Stuff Moms Say, or at Least, Stuff I Say


The other day, I happened upon a blog post with a title that was just beckoning me to click.

It was “S*it Moms Say.” I know. I fell prey to click bait. It happens. I REALLY wanted to know what moms say though, because, hey- I’m totally a mom. In fact, I’m a mom five times over. I mom so hard. Then I read the post, which I will not provide the link to, but trust me, I’m doing you a favor. Here’s why:

  1. It wasn’t funny.
  2. I couldn’t relate.
  3. I’ve never said that stuff.
  4. I could write a better post with the exact same title…

So here we are, only I replaced a four letter word with a fiver.

Stuff Moms Say, or at Least, Stuff I Say:

1. “Common sense.”

Why did they do that? Why did they not know what would happen? How do cause and effect not apply in this situation? If you lean back in the chair, it will tip over.Moms say, "clean up those shoes!"

2. “Natural consequences.” (This is the mom-approved version of I told you so in our house.)

Oh, you’re cold? Remember when you refused to grab a hoodie? Yeah, funny how that happens. You can’t run and play and keep up with the other kids in your *flip flops*? Really? Really?

3. “Once I sit down, I will not get up to get you milk/bread/butter.”

After a long day of no life, and meal prep, and house de-yucking, and getting everyone #allofthethings, and cutting meat into pieces the size of peas, and making sure everyone has the appropriate favorite color plate, (don’t roll your eyes, I choose my battles), and… andandoffered “last call” to all the need-havers… Once my butt is parked in that chair to eat dinner, no, I will not get you XYZ. I JUST asked if anyone needed anything before I sat down. Like 41 seconds ago. No. Just no.

Moms say, "Put your dirty dishes in the sink!"

4. “Did you hear the words I am speaking to you?” (Or) “Do you understand what I am saying to you?”

{Sometimes I think I must be speaking in tongues. I mean, if all you went on was the level of acknowledgment and response I get from my children after issuing simple, clear and direct instruction, you would have to assume I was speaking Greek, Swahili or Mandarin.} But if I whisper something about ice cream to my husband while we are in the kitchen and they are in their rooms, the bionic ears get flipped on and they are down those stairs in a millisecond, “Did I hear someone say ice cream?”

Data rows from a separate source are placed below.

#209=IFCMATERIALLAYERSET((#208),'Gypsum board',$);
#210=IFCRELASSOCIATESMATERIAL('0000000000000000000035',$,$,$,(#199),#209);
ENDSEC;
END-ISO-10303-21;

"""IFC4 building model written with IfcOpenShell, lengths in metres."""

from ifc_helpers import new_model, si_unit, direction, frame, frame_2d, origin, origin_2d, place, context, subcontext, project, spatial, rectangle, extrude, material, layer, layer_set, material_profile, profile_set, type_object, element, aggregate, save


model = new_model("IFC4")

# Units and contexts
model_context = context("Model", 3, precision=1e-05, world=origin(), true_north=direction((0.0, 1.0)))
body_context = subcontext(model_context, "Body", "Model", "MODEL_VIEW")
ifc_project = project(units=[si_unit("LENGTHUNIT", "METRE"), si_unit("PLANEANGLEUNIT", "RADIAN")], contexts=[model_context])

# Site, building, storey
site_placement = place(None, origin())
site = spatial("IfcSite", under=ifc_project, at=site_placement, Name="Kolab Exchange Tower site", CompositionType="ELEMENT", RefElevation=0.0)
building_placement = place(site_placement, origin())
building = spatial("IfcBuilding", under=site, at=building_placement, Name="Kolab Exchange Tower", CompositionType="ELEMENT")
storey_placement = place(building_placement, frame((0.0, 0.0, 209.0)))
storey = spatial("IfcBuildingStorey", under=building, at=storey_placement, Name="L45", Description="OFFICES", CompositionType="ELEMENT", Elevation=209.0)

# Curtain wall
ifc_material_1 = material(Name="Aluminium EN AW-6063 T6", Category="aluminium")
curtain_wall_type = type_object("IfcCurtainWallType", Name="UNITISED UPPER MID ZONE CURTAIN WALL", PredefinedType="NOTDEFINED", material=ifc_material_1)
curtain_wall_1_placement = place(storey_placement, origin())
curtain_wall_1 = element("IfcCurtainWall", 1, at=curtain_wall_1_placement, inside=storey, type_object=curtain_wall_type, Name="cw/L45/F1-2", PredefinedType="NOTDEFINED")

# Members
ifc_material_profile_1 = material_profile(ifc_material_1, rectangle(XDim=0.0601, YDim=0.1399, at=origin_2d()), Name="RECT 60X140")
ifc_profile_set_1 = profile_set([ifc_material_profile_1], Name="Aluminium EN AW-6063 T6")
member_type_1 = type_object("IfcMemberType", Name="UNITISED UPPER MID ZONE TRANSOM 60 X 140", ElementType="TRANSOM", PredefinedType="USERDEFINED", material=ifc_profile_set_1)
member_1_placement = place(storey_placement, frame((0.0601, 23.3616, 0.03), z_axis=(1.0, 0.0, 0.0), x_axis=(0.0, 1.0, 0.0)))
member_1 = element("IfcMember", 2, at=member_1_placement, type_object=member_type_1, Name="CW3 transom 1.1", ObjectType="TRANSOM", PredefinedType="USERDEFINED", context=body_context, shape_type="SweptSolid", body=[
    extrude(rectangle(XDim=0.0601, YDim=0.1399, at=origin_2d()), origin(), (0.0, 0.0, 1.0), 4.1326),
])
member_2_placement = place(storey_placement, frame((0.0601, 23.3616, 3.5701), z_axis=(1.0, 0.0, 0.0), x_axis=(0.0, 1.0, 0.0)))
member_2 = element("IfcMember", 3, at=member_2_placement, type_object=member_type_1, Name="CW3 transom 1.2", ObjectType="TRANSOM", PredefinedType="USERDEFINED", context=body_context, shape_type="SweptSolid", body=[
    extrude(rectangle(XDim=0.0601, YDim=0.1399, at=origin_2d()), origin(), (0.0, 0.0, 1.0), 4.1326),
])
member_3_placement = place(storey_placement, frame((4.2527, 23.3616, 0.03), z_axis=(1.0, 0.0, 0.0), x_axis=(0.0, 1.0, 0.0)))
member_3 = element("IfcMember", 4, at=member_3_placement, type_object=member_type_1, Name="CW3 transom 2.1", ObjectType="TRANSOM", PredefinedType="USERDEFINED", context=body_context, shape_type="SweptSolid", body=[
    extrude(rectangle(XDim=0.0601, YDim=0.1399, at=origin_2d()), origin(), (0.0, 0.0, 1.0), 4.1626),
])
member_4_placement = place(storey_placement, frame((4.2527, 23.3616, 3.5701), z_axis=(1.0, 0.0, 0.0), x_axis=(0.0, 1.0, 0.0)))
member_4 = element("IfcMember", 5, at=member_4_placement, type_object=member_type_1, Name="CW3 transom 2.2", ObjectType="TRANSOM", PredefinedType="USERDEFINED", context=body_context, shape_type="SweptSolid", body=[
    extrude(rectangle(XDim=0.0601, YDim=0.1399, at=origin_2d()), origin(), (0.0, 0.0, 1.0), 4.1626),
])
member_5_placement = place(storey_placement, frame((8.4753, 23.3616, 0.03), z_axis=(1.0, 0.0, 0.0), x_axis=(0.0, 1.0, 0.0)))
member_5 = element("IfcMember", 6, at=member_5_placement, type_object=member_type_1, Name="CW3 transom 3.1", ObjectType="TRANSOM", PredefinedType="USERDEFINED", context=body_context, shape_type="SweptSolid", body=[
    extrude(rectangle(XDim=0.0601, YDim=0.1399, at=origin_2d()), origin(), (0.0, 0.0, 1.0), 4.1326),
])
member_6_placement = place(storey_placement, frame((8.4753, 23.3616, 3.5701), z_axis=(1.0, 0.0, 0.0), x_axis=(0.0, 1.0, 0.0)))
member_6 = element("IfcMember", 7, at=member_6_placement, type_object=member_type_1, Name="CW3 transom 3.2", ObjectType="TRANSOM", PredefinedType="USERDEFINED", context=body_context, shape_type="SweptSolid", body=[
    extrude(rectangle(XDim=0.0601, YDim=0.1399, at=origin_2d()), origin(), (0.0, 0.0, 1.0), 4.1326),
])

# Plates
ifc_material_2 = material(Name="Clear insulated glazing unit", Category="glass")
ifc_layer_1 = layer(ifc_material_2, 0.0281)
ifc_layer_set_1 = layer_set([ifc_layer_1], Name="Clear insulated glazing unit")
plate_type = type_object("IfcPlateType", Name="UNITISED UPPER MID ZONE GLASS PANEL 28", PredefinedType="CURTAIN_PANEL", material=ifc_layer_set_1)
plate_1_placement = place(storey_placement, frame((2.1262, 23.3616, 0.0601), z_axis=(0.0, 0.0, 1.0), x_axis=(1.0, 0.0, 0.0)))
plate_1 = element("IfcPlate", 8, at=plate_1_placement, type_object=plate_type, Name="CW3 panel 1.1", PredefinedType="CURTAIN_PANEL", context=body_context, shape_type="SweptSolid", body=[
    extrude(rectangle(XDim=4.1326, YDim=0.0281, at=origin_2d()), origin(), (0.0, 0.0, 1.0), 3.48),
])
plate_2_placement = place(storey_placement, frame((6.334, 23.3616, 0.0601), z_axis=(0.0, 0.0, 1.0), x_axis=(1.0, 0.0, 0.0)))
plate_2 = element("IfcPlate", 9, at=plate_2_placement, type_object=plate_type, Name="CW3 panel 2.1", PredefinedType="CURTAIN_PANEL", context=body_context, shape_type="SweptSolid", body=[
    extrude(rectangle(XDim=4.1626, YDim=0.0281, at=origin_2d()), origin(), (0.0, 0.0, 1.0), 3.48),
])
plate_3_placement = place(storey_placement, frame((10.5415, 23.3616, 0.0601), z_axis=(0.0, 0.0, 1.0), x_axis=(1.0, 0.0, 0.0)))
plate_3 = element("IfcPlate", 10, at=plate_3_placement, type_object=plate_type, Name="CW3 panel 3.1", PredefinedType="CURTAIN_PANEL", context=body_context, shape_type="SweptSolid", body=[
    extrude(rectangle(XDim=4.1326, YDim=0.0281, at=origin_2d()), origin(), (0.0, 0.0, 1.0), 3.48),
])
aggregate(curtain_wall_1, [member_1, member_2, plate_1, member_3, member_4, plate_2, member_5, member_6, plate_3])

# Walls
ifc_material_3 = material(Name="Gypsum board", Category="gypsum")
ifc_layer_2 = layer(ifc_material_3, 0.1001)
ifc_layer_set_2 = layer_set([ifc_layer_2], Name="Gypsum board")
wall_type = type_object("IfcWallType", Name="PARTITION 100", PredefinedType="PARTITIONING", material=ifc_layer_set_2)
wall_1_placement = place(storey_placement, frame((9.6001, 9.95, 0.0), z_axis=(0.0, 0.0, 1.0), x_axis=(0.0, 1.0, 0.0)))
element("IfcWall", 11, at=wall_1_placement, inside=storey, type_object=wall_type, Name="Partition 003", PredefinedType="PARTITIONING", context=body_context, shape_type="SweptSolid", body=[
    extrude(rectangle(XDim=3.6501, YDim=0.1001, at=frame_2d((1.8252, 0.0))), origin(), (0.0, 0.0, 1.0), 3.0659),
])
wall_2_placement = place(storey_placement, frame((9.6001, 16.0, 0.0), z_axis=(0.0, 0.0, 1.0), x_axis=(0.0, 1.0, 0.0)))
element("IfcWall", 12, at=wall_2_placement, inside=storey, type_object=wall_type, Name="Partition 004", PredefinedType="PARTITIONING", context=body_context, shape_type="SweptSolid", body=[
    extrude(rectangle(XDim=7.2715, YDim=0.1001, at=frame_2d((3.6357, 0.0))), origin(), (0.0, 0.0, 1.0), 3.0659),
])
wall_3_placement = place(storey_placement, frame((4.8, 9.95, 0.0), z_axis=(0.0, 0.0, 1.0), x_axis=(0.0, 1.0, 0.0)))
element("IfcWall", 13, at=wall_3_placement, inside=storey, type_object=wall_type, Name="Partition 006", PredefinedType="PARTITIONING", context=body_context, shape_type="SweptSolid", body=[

5. “No potty talk at the table!”

Do I need to elaborate on this one? Everyone  feels the need to bring up either farts or BMs at the table. Thank you, husband. We have four daughters and he says he purposefully encourages them to find humor in burping and farting so as to scare off boys when they hit the teen years. Nicely played, my love, but was there no other way to accomplish this??

6. “Go hang up your bathing suits and towels.”

I take textiles seriously. Especially any textile left in a damp, dank pile on the floor. I take that personally. We have a pool, so damp pool stuff is the bane of my existence all summer long. Moldy towels are gross, and I don’t have the funds to replace swimsuits for five kids multiple times each season. But even after summertime sails away, the bath and shower towels remain to be contended with. Update: my seven year old *threw away* one of her brand new swimsuits ‘by accident’ this summer. My husband and I actually went through the garbage in a half-hearted attempt to save $17.99. We did not find it. I kid you not.

7. “Brush your teeth/Get ready for bed/Put your eczema cream on.”

Just. Do. The. Things. Every house has the things. Do them. THEN, we will have more time for books, prayers, hugs, kisses, and inevitable drinks of water…

8. “This is the one and only time I am going to ask you nicely, in my calm voice…” and similarly, “Obey the first time.”

Seriously. I always start out calm, sweet, developmentally appropriate and smiling (well, it’s hit or miss on the smiling). How things turn out? Well, that’s up to you, sweet cherubim.

9. “Don’t hit/scratch/bite/kick/tease/mock/mimic/exclude your brother/sister!”

For the love of all things chocolate, someone give me a mute-and-separate button for the in-fighting, please. Sibling fighting may be the death of me, or them, or all of us.

10. “I love you, God bless you, goodnight.”

Say no more. I’ve spoken my last. ‘Till tomorrow.